Completion Rates:Completion rates vary significantly by institutional type, with private schools achieving the highest median rate (~55%), followed by public schools (~48%), and for-profit institutions showing considerably lower rates (~25%). The relationship between cost and completion rate shows only a weak positive association, suggesting that higher costs do not guarantee better completion outcomes.
Student Demographics: First-generation students comprise 30-40% of enrollment at most institutions, following an approximately normal distribution. Female students represent about 60% of enrollment at typical institutions, with relatively consistent patterns across schools.

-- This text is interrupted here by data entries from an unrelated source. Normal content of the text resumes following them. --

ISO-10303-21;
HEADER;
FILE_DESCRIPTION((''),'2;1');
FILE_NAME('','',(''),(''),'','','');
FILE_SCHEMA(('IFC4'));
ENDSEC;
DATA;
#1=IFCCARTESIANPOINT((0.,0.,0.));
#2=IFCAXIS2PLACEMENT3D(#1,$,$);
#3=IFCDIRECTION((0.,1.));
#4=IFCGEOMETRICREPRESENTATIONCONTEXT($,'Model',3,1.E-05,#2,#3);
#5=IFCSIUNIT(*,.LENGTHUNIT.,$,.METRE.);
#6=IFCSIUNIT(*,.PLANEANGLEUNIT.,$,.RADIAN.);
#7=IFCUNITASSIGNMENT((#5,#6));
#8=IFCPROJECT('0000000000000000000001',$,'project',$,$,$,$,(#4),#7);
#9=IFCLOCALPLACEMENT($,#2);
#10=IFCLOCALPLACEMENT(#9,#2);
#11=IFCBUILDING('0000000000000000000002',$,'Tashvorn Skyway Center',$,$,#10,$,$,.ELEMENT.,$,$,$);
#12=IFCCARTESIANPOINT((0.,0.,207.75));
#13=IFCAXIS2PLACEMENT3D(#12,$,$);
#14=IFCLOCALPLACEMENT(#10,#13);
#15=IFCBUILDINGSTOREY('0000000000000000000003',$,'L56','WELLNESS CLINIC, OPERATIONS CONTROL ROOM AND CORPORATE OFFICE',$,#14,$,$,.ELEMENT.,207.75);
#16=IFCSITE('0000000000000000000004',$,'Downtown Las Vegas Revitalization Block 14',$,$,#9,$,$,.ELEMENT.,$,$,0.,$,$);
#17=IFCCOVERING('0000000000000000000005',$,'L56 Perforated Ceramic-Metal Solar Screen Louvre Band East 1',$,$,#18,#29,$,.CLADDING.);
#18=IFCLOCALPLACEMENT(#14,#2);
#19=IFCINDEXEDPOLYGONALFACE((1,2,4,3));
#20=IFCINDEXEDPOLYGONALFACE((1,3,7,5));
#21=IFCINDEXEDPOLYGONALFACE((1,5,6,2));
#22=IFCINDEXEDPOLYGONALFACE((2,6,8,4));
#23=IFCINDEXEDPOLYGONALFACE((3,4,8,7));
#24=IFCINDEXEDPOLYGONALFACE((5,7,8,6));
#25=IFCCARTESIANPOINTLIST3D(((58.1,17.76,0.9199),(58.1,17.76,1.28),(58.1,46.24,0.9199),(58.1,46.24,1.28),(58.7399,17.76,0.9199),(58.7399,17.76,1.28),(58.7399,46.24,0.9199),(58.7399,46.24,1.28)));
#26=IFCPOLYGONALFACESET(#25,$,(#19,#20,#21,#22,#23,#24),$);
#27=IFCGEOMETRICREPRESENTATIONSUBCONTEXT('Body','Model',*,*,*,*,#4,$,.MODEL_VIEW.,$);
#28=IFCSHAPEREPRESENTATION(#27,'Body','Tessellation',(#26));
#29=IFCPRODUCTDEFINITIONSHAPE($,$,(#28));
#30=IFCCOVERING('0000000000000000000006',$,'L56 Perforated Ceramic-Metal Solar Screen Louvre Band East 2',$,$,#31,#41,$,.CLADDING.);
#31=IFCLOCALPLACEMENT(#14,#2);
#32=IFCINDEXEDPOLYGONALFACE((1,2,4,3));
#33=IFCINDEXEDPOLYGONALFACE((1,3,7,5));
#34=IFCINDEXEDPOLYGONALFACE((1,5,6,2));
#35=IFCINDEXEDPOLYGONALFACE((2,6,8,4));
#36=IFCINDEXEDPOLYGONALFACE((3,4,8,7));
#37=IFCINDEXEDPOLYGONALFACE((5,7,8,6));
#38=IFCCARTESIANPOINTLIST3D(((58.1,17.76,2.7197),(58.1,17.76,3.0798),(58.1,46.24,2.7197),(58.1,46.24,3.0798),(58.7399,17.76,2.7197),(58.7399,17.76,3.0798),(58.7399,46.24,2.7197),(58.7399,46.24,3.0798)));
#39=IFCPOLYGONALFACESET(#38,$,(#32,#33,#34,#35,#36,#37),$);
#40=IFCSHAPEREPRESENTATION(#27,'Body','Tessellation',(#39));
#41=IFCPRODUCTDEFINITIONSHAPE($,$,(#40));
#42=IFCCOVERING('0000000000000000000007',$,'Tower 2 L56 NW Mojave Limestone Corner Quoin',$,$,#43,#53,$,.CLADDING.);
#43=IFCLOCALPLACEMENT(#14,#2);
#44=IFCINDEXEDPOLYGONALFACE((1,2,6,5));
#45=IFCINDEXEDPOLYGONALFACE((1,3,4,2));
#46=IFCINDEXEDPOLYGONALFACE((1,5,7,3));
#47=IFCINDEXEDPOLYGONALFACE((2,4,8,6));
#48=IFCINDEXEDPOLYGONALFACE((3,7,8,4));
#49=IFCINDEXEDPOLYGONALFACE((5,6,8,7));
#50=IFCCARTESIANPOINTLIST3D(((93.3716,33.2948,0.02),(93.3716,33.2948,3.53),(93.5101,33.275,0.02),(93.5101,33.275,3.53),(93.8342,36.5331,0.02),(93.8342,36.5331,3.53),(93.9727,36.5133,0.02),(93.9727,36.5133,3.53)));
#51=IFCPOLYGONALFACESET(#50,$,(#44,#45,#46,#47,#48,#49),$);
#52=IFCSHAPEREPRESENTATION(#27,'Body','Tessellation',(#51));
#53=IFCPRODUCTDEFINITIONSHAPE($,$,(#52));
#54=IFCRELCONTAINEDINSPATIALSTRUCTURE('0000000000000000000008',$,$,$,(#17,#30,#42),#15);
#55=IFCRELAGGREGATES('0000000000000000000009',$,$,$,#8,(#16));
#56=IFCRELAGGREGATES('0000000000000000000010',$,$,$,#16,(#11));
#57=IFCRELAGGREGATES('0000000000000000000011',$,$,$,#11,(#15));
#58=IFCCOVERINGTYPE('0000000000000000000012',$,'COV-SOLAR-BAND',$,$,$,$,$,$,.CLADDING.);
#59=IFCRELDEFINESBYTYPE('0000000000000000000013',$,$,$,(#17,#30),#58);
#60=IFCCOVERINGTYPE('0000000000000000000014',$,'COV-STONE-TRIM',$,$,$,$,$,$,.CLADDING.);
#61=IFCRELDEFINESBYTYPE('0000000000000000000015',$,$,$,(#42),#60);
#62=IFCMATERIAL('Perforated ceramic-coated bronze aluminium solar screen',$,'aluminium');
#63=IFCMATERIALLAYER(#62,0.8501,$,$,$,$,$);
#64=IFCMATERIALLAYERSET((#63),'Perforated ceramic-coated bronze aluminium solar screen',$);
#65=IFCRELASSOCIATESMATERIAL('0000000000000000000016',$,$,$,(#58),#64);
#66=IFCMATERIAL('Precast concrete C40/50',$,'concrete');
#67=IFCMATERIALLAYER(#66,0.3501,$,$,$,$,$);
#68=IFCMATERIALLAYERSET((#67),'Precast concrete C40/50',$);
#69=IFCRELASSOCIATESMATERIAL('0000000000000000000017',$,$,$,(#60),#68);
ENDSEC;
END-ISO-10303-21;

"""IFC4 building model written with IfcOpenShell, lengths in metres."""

from ifc_helpers import new_model, si_unit, direction, frame, origin, origin_2d, place, context, subcontext, project, spatial, rectangle, extrude, material, layer, layer_set, type_object, element, save


model = new_model("IFC4")

# Units and contexts
model_context = context("Model", 3, precision=1e-05, world=origin(), true_north=direction((0.0, 1.0)))
body_context = subcontext(model_context, "Body", "Model", "MODEL_VIEW")
ifc_project = project(units=[si_unit("LENGTHUNIT", "METRE"), si_unit("PLANEANGLEUNIT", "RADIAN")], contexts=[model_context])

# Site, building, storey
site_placement = place(None, origin())
site = spatial("IfcSite", under=ifc_project, at=site_placement, Name="Downtown Las Vegas Revitalization Block 14", CompositionType="ELEMENT", RefElevation=0.0)
building_placement = place(site_placement, origin())
building = spatial("IfcBuilding", under=site, at=building_placement, Name="Tashvorn Skyway Center", CompositionType="ELEMENT")
storey_placement = place(building_placement, frame((0.0, 0.0, 207.75)))
storey = spatial("IfcBuildingStorey", under=building, at=storey_placement, Name="L56", Description="WELLNESS CLINIC, OPERATIONS CONTROL ROOM AND CORPORATE OFFICE", CompositionType="ELEMENT", Elevation=207.75)

# Shared definitions
ifc_material_1 = material(Name="Precast concrete C40/50", Category="concrete")

# Coverings
ifc_material_2 = material(Name="Perforated ceramic-coated bronze aluminium solar screen", Category="aluminium")
ifc_layer_1 = layer(ifc_material_2, 0.8501)
ifc_layer_set_1 = layer_set([ifc_layer_1], Name="Perforated ceramic-coated bronze aluminium solar screen")
covering_type_1 = type_object("IfcCoveringType", Name="COV-SOLAR-BAND", PredefinedType="CLADDING", material=ifc_layer_set_1)
for number, where, z_axis, x_axis, name in (
    (1, (58.4199, 32.0, 0.9199), (0.0, 0.0, 1.0), (0.0, -1.0, 0.0), "L56 Perforated Ceramic-Metal Solar Screen Louvre Band East 1"),
    (2, (58.4199, 32.0, 2.7197), (0.0, 0.0, 1.0), (0.0, -1.0, 0.0), "L56 Perforated Ceramic-Metal Solar Screen Louvre Band East 2"),
):
    element("IfcCovering", number, at=place(storey_placement, frame(where, z_axis=z_axis, x_axis=x_axis)), inside=storey, type_object=covering_type_1, Name=name, PredefinedType="CLADDING", context=body_context, shape_type="SweptSolid", body=[
        extrude(rectangle(XDim=28.48, YDim=0.6399, at=origin_2d()), origin(), (0.0, 0.0, 1.0), 0.3601),
    ])
ifc_layer_2 = layer(ifc_material_1, 0.3501)
ifc_layer_set_2 = layer_set([ifc_layer_2], Name="Precast concrete C40/50")
covering_type_2 = type_object("IfcCoveringType", Name="COV-STONE-TRIM", PredefinedType="CLADDING", material=ifc_layer_set_2)
covering_1_placement = place(storey_placement, frame((93.6721, 34.9041, 0.02), z_axis=(0.0, 0.0, 1.0), x_axis=(-0.141421, -0.989949, 0.0)))
element("IfcCovering", 3, at=covering_1_placement, inside=storey, type_object=covering_type_2, Name="Tower 2 L56 NW Mojave Limestone Corner Quoin", PredefinedType="CLADDING", context=body_context, shape_type="SweptSolid", body=[
    extrude(rectangle(XDim=3.2712, YDim=0.1399, at=origin_2d()), origin(), (0.0, 0.0, 1.0), 3.51),
])

save(model, "model.ifc")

Key Findings:The moderate positive correlation between median family income and net price (r = 0.515) suggests that wealthier students tend to attend higher-priced institutions. However, the weak relationship between cost and completion rates indicates that factors beyond institutional cost—such as student support services, academic preparation, and institutional resources—likely play more important roles in student success.
These findings highlight the complexity of higher education outcomes and suggest that prospective students should consider multiple factors beyond cost when evaluating institutions.